The most common method to procure silk is through farming silkworms, but these silks are less durable and weaker than those spun by spiders – specifically, spider dragline silks which perform really well under high tension.
“Dragline silk is the main structural silk of a spider web. It is also used as a lifeline for a spider to fall from trees,” says Lin.
Other research in improving silkworm silk has involved genetically engineering silkworms with spider genes to produce silk with more desirable properties.
Lin’s group wanted to use commercialised mulberry silkworms (Bombyx mori) because they’re more accessible and easily managed, but natural silkworm fibre is made of a core wrapped by a silk glue which interferes with the spinning of the fibres for commercial purposes.
The team determined the best method to dissolve the glue, while also minimising the degradation of the silk proteins, by boiling it in a special bath of chemicals. Then, to solidify the silk back into continuous fibres, they tested the silk proteins in baths containing different metals and sugars to find the method that produced the best rate of fibre formation.
The best coagulation bath contained two metal ions – Zn2+ and Fe3+ – with 6% sucrose at room temperature.
After the silks were manually spun and drawn, the diameter of the silk was reduced from 15 micrometres (μm) down to about 4-6μm – nearly the same diameter as spider dragline silk (3-5μm).
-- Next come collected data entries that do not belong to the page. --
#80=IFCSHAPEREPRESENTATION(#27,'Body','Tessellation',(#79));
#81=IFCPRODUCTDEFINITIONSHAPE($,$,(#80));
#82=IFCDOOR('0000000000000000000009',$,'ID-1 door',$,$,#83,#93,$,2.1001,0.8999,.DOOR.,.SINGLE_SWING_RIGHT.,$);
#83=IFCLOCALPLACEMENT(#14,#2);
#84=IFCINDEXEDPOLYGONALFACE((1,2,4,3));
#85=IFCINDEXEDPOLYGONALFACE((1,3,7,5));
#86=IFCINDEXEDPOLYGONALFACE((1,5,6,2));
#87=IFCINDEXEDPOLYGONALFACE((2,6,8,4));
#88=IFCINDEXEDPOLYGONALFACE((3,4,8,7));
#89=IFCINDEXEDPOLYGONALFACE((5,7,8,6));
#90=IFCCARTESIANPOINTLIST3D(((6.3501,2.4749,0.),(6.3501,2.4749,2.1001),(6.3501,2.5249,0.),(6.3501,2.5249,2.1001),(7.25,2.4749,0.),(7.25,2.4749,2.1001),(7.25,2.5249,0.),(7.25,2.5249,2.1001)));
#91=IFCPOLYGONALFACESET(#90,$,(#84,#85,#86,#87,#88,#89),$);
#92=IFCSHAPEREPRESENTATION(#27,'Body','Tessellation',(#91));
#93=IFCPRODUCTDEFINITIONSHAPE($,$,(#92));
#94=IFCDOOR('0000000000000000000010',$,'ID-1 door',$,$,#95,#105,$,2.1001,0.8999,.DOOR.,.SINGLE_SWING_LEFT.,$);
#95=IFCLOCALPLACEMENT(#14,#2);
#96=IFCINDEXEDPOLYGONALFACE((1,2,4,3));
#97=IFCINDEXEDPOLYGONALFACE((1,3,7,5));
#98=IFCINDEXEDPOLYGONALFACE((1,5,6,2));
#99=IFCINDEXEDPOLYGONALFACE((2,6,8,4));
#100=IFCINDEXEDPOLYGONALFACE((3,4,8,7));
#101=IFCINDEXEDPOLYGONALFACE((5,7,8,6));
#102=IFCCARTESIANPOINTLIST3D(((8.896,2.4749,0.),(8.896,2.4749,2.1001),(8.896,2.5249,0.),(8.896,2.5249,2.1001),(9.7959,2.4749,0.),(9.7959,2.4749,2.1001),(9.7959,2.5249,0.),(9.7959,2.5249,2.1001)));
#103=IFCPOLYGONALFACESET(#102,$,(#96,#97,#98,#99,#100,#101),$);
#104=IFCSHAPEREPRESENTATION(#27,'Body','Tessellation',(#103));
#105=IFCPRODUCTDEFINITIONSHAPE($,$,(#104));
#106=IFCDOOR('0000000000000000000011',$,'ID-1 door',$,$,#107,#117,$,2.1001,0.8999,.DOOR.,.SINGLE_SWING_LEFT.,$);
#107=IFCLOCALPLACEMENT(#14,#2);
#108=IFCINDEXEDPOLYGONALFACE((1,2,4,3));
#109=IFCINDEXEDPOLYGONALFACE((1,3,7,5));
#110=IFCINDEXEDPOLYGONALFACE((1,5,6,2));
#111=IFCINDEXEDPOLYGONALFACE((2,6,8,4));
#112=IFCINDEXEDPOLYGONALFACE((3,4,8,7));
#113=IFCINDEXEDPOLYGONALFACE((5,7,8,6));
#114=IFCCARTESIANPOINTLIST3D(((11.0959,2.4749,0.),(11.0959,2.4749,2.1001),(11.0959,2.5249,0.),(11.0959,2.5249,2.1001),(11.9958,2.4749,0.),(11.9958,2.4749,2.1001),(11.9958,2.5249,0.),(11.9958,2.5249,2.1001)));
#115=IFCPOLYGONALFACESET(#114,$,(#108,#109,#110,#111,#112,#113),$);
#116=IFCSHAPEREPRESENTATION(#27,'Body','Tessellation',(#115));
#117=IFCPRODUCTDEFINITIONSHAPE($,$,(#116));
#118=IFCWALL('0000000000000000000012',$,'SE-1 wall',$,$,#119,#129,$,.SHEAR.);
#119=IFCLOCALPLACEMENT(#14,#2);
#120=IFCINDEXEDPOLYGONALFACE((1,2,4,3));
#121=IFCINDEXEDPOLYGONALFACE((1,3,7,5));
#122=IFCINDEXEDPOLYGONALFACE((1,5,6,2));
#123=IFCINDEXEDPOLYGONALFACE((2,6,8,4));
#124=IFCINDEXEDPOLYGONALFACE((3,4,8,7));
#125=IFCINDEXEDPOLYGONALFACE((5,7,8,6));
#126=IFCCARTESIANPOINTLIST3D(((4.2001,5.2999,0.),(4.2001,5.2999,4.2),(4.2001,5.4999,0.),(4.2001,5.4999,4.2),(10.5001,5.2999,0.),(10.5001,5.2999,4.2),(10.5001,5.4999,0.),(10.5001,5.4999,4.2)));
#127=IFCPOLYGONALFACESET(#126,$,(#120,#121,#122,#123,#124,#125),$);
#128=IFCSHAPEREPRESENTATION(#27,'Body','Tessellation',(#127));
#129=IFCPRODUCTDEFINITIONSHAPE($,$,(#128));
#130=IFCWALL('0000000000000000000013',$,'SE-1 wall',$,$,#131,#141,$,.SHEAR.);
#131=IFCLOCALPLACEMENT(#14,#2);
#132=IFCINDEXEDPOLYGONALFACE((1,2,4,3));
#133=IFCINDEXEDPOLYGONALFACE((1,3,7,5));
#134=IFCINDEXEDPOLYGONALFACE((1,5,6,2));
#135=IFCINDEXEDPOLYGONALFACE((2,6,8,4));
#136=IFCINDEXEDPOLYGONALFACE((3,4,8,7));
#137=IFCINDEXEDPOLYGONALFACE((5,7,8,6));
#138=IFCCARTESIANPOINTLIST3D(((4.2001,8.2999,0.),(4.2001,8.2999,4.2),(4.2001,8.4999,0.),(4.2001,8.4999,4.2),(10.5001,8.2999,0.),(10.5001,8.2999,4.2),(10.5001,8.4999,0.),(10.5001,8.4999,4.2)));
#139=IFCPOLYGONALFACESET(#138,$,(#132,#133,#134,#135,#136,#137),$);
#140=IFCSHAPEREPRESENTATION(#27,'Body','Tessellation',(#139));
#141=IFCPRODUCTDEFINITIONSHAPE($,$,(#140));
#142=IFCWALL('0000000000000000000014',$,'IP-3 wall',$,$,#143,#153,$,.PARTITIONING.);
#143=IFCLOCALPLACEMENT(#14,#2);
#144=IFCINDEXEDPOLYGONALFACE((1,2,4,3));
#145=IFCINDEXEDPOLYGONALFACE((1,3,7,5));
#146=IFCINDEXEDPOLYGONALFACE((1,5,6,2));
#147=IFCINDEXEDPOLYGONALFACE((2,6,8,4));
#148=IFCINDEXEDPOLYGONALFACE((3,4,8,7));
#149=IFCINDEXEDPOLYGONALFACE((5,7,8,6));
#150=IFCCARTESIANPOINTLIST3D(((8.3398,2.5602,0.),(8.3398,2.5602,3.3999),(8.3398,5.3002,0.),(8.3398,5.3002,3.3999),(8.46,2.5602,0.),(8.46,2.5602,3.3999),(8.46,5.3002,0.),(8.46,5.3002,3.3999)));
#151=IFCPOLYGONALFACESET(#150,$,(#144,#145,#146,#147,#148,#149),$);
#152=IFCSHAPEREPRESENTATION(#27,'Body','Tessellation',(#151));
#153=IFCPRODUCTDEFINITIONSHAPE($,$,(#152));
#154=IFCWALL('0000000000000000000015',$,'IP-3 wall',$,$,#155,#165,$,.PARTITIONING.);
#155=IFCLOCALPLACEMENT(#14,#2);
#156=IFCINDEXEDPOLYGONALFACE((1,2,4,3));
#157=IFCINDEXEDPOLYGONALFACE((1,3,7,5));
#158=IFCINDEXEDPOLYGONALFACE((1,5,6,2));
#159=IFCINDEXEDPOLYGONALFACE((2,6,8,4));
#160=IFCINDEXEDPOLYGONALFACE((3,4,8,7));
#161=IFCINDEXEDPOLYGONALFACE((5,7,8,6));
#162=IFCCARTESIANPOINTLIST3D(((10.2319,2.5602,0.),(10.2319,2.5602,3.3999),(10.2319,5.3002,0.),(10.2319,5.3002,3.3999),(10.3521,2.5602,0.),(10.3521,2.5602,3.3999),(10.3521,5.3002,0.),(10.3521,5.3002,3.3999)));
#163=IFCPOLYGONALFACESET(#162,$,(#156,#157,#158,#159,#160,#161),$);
Testing the mechanical properties of this silk revealed a tensile strength – the maximum stress that a material can withstand while being stretched or pulled before breaking – of 2000 MPa, which is more than 70% higher than that of spider dragline silks.
(Steel ranges from about 295 – 450MPa but depending on treatment can rise to 2400 MPa.)
The silk is also extraordinarily stiff, significantly more so than any known natural silks.
The authors say that the key to its excellent mechanical properties lies in its high crystallinity and the small nanocrystals that are formed in the artificial silk fibre. They also suggest that incorporating zinc metal ions (Zn2+) into the fibre may also be contributing to its strength.
“We hope that this work opens up a promising way to produce profitable high-performance artificial silks,” Lin says.